Vara Kumar Namburu, Co-founder of Whatfix, believes the focus must return to people. "AI must simplify workflows, not create friction. Our philosophy of 'Userisation' puts the user first. Technology must adapt to people, not the other way around."
Barriers in scaling
Despite the momentum, infrastructure and workforce readiness remain hurdles.
"Agentic AI is compute-hungry," said Sen. "It requires high-frequency inferencing, orchestration, and integrations. At RackBank, we're building India's first full-stack AI infra platform to address this."
Sheth added that legacy systems continue to be a bottleneck. "Many enterprises can't scale AI because their systems don't support modular integration. That's where our API-first approach helps bridge the gap."
Mahesh Parab, Partner - Agentic Automation from PwC highlighted another challenge: hallucination control and agent lifecycle management. "We need frameworks that make agents behave responsibly, are auditable, and align with business KPIs—just like human employees."
On the talent front, most firms are taking proactive measures. Sheth said that at Gupshup, 35 per cent of coding workflows are already AI-augmented. "We offer hands-on training, online modules, and ensure cross-functional fluency."
Ramamurthy noted that Contentstack has embedded real-world pilot projects, internal labs, and AI adoption hackathons. "We're preparing teams not just to understand Agentic AI but to shape it."
Rathi added, "We're focused on systems thinking and human-AI cooperation. Training alone isn't enough—we need a mindset of experimentation and agility."
Economic impact across sectors
The potential of Agentic AI to contribute to India's GDP is not just aspirational—it's already visible in pilots across healthcare, agriculture, and education.
In healthcare, Gopalan highlighted how multilingual voice agents are reducing patient no-shows and improving rural care delivery. Sen added that AI triage agents could handle up to 60 per cent of OPD cases—critical in a country with a 1:800 doctor-patient ratio.
In agriculture, adaptive agents are already helping farmers optimise sowing schedules and predict pest outbreaks. According to Parab, this has led to 15 per cent higher yields and 20 per cent water savings in early pilots.
In education, voice-powered tutors and agent-based learning systems are helping students in Tier-2 and Tier-3 cities study at their own pace. As Rathi said, "This isn't just about innovation—it's about equitable access."
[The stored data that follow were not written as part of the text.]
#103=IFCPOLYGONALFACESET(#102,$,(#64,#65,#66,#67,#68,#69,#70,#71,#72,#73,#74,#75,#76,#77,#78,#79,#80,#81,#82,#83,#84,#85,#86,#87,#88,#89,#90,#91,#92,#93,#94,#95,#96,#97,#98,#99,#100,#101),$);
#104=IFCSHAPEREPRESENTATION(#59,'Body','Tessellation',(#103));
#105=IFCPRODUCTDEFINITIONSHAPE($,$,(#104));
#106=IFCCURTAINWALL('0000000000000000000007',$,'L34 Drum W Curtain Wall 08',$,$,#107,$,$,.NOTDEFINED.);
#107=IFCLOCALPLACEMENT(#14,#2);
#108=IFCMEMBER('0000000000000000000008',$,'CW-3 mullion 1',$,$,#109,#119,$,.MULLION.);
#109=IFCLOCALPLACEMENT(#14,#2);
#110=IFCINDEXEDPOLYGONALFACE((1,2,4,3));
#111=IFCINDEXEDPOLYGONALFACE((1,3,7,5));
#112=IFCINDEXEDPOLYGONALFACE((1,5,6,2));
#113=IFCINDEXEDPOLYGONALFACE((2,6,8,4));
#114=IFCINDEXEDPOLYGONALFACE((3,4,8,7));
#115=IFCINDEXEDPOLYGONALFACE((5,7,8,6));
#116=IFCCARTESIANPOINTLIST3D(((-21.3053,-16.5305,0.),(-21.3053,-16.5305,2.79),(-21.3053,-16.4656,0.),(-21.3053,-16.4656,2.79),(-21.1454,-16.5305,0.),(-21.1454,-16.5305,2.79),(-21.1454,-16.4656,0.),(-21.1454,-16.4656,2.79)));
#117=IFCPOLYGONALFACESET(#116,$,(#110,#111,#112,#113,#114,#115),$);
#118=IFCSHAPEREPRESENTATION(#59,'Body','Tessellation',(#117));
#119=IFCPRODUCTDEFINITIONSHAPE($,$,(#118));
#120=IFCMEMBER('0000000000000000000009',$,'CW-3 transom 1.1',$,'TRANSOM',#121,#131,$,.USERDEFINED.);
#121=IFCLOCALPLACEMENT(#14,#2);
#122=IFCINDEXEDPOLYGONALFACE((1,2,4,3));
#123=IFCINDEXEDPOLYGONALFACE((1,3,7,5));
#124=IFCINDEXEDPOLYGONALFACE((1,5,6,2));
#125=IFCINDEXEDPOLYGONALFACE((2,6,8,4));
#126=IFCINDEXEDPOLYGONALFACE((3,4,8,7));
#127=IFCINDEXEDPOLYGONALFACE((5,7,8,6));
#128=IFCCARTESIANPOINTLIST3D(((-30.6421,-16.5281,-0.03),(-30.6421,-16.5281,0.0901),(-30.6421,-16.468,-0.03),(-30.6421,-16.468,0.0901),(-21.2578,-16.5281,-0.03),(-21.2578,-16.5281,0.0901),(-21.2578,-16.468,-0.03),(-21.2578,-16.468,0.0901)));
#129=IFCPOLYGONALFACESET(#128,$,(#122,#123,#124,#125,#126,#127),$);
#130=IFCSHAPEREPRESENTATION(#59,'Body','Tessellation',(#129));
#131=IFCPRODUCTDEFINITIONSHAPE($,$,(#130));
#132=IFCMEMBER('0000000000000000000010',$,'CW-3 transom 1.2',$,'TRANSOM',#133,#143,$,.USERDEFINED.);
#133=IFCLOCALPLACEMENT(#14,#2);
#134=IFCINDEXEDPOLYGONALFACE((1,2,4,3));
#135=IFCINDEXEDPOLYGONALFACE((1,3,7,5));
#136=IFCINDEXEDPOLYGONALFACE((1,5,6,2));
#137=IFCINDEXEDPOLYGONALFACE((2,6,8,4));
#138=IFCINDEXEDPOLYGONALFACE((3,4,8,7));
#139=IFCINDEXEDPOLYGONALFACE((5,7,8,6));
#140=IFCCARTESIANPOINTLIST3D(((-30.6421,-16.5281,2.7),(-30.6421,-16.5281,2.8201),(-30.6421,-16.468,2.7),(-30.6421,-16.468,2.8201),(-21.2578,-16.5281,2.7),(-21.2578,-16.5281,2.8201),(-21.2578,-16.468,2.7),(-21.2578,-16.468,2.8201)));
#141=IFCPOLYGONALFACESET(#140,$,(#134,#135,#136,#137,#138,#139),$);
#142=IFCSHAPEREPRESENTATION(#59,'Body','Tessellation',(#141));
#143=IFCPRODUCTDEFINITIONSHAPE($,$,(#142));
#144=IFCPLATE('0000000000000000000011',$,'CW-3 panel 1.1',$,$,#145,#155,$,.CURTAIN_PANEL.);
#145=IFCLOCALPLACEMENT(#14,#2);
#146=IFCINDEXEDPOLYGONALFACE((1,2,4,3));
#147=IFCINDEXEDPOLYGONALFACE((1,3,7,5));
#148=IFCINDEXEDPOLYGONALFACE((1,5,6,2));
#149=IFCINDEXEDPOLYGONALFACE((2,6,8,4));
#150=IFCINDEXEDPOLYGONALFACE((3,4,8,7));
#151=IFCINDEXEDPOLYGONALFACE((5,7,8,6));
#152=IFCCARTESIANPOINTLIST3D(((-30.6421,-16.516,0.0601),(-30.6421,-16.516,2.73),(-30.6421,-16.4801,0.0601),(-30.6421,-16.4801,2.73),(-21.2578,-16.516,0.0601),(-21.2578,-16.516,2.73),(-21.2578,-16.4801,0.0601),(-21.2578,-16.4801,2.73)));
Parab also underscored the macroeconomic angle. He said, "If executed correctly, Agentic AI could add USD 300 billion to India's GDP by 2030."
India's entry into the Agentic AI era is not merely speculative, it is already underway. However, true readiness will depend on holistic progress. As Namburu puts it, "The promise of AI lies in making it truly work for people. That's the essence of transformation."